Basically the Hits collection is very lightweight. The cost of getting this list is minimal. You just instantiate the needed Documents by calling hits.Doc(i) to build your page.

David Thibault
I would suggest using something like Memcache or another in memory store keyed on the search term itself. That way you dont need to requery but investigate if this actually improves performance.
bleevo
I feel like folks are missing the point here. I think the point here is how to turn the Lucene results into a format that works well with the ASP.NET datagrid. The ASP.NET datagrid is designed to work well with .NET ADO datasets (although there are other ways to use it). My answer shows a way of converting from Lucene objects to ADO.NET objects.If you ignore the specifics of the DataGrid, I think you aren't answering the question.
Corey Trager
The datagrid works perfectly well with a List<T>. Just create the list from the info contained in the Document objects and DataBind it to the grid.
David Thibault
Ok - I retract my comment.
Corey Trager
A: 

What I do is iterate through the hits and insert them into a temporary table in the db. Then I can run a regular SQL query - joining that temp table with other tables too - and give the grid the DataSet/DataView that it wants.

Note that I do the inserts and the query in ONE TRIP to the db, because I'm using just one SQL batch.

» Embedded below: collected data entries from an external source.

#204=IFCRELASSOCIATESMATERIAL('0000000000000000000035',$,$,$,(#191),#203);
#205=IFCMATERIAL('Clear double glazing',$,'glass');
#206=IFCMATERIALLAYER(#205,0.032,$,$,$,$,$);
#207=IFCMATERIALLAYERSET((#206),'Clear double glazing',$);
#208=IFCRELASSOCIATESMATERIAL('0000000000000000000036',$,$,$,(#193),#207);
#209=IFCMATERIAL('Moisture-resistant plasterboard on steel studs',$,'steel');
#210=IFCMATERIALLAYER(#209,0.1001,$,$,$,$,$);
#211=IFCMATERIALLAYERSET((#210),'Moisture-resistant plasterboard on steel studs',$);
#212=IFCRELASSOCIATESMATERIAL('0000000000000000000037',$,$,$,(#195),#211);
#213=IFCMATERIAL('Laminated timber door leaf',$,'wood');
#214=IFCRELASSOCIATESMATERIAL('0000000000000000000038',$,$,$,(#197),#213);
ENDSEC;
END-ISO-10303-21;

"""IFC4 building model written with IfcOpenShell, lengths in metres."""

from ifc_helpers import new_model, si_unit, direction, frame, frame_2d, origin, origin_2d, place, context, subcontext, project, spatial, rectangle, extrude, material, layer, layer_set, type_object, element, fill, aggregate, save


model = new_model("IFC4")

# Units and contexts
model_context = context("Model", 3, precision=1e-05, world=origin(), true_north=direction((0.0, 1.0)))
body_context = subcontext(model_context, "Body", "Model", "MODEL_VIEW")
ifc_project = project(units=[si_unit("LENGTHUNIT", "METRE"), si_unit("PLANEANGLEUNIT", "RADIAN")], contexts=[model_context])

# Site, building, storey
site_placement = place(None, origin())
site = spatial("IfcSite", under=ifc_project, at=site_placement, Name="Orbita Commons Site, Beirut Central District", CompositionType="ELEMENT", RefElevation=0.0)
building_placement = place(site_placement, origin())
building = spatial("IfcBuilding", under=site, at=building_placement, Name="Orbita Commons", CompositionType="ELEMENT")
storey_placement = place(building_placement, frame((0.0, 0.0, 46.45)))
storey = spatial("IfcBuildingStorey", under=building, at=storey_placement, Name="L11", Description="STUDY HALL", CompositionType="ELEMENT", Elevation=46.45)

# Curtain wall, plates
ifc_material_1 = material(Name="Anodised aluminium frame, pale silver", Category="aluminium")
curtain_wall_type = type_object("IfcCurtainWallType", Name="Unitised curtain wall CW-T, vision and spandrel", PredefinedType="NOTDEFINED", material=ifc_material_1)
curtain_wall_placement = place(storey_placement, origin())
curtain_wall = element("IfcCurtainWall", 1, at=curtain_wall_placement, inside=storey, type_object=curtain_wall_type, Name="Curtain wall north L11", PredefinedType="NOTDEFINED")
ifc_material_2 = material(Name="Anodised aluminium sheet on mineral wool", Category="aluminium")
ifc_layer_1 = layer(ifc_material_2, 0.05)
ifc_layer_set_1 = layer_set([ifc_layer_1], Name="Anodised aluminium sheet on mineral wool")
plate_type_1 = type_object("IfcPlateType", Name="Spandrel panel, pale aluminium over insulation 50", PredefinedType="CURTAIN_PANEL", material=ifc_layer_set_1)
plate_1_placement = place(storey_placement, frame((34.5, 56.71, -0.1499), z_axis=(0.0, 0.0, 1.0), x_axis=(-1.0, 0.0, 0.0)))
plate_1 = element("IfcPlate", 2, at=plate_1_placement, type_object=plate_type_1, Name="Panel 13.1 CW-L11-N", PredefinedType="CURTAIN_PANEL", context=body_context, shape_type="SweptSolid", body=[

void Page_Load(Object sender, EventArgs e)
{

 dbutil = new DbUtil();
 security = new Security();
 security.check_security(dbutil, HttpContext.Current, Security.ANY_USER_OK);

 Lucene.Net.Search.Query query = null;

 try
 {
  if (string.IsNullOrEmpty(Request["query"]))
  {
   throw new Exception("You forgot to enter something to search for...");
  }

  query = MyLucene.parser.Parse(Request["query"]);

 }
 catch (Exception e3)
 {
  display_exception(e3);
 }


 Lucene.Net.Highlight.QueryScorer scorer = new Lucene.Net.Highlight.QueryScorer(query);
 Lucene.Net.Highlight.Highlighter highlighter = new Lucene.Net.Highlight.Highlighter(MyLucene.formatter, scorer);
 highlighter.SetTextFragmenter(MyLucene.fragmenter); // new Lucene.Net.Highlight.SimpleFragmenter(400));

 StringBuilder sb = new StringBuilder();
 string guid = Guid.NewGuid().ToString().Replace("-", "");
 Dictionary<string, int> dict_already_seen_ids = new Dictionary<string, int>();

 sb.Append(@"
create table #$GUID
(
temp_bg_id int,
temp_bp_id int,
temp_score float,
temp_text nvarchar(3000)
)
 ");

 lock (MyLucene.my_lock)
 {

  Lucene.Net.Search.Hits hits = null;
  try
  {
   hits = MyLucene.search(query);
  }
  catch (Exception e2)
  {
   display_exception(e2);
  }

  // insert the search results into a temp table which we will join with what's in the database
  for (int i = 0; i < hits.Length(); i++)
  {
   if (dict_already_seen_ids.Count < 100)
   {
    Lucene.Net.Documents.Document doc = hits.Doc(i);
    string bg_id = doc.Get("bg_id");
    if (!dict_already_seen_ids.ContainsKey(bg_id))
    {
     dict_already_seen_ids[bg_id] = 1;
     sb.Append("insert into #");
     sb.Append(guid);
     sb.Append(" values(");
     sb.Append(bg_id);
     sb.Append(",");
     sb.Append(doc.Get("bp_id"));
     sb.Append(",");
     //sb.Append(Convert.ToString((hits.Score(i))));
     sb.Append(Convert.ToString((hits.Score(i))).Replace(",", "."));  // Somebody said this fixes a bug. Localization issue?
     sb.Append(",N'");

     string raw_text = Server.HtmlEncode(doc.Get("raw_text"));
     Lucene.Net.Analysis.TokenStream stream = MyLucene.anal.TokenStream("", new System.IO.StringReader(raw_text));
     string highlighted_text = highlighter.GetBestFragments(stream, raw_text, 1, "...").Replace("'", "''");
     if (highlighted_text == "") // someties the highlighter fails to emit text...
     {
      highlighted_text = raw_text.Replace("'","''");
     }
     if (highlighted_text.Length > 3000)
     {
      highlighted_text = highlighted_text.Substring(0,3000);
     }
     sb.Append(highlighted_text);
     sb.Append("'");
     sb.Append(")\n");
    }
   }
   else
   {
    break;
   }
  }
  //searcher.Close();
 }
Corey Trager
I would discourage this practice. Way to many moving parts. Also, hitting the DB for an index search kinds of defeats the purpose.
David Thibault
@David - The details: My db contains data (bugs, tickets, issues) with columns that change frequently. Either I update BOTH the db AND the Lucene index whenever these columns change, OR, I update ONLY the db. I chose to update only th db. Another detail: The part of my app that displays the results existed already and expected a .NET DataSet/DataView object as input. So, I wanted to translate the results into a DataSet/DataView anyway. The OP wants to display results in a datagrid which also wants a DataSet/DataView as input. Don't just negate. Suggest a better altnerative.
Corey Trager
The solution I presented answers the question of how to do paging with lucene. Binding the results to a grid is then easy (see my reply to your other comment).
David Thibault
ok. Clear. Thanks.
Corey Trager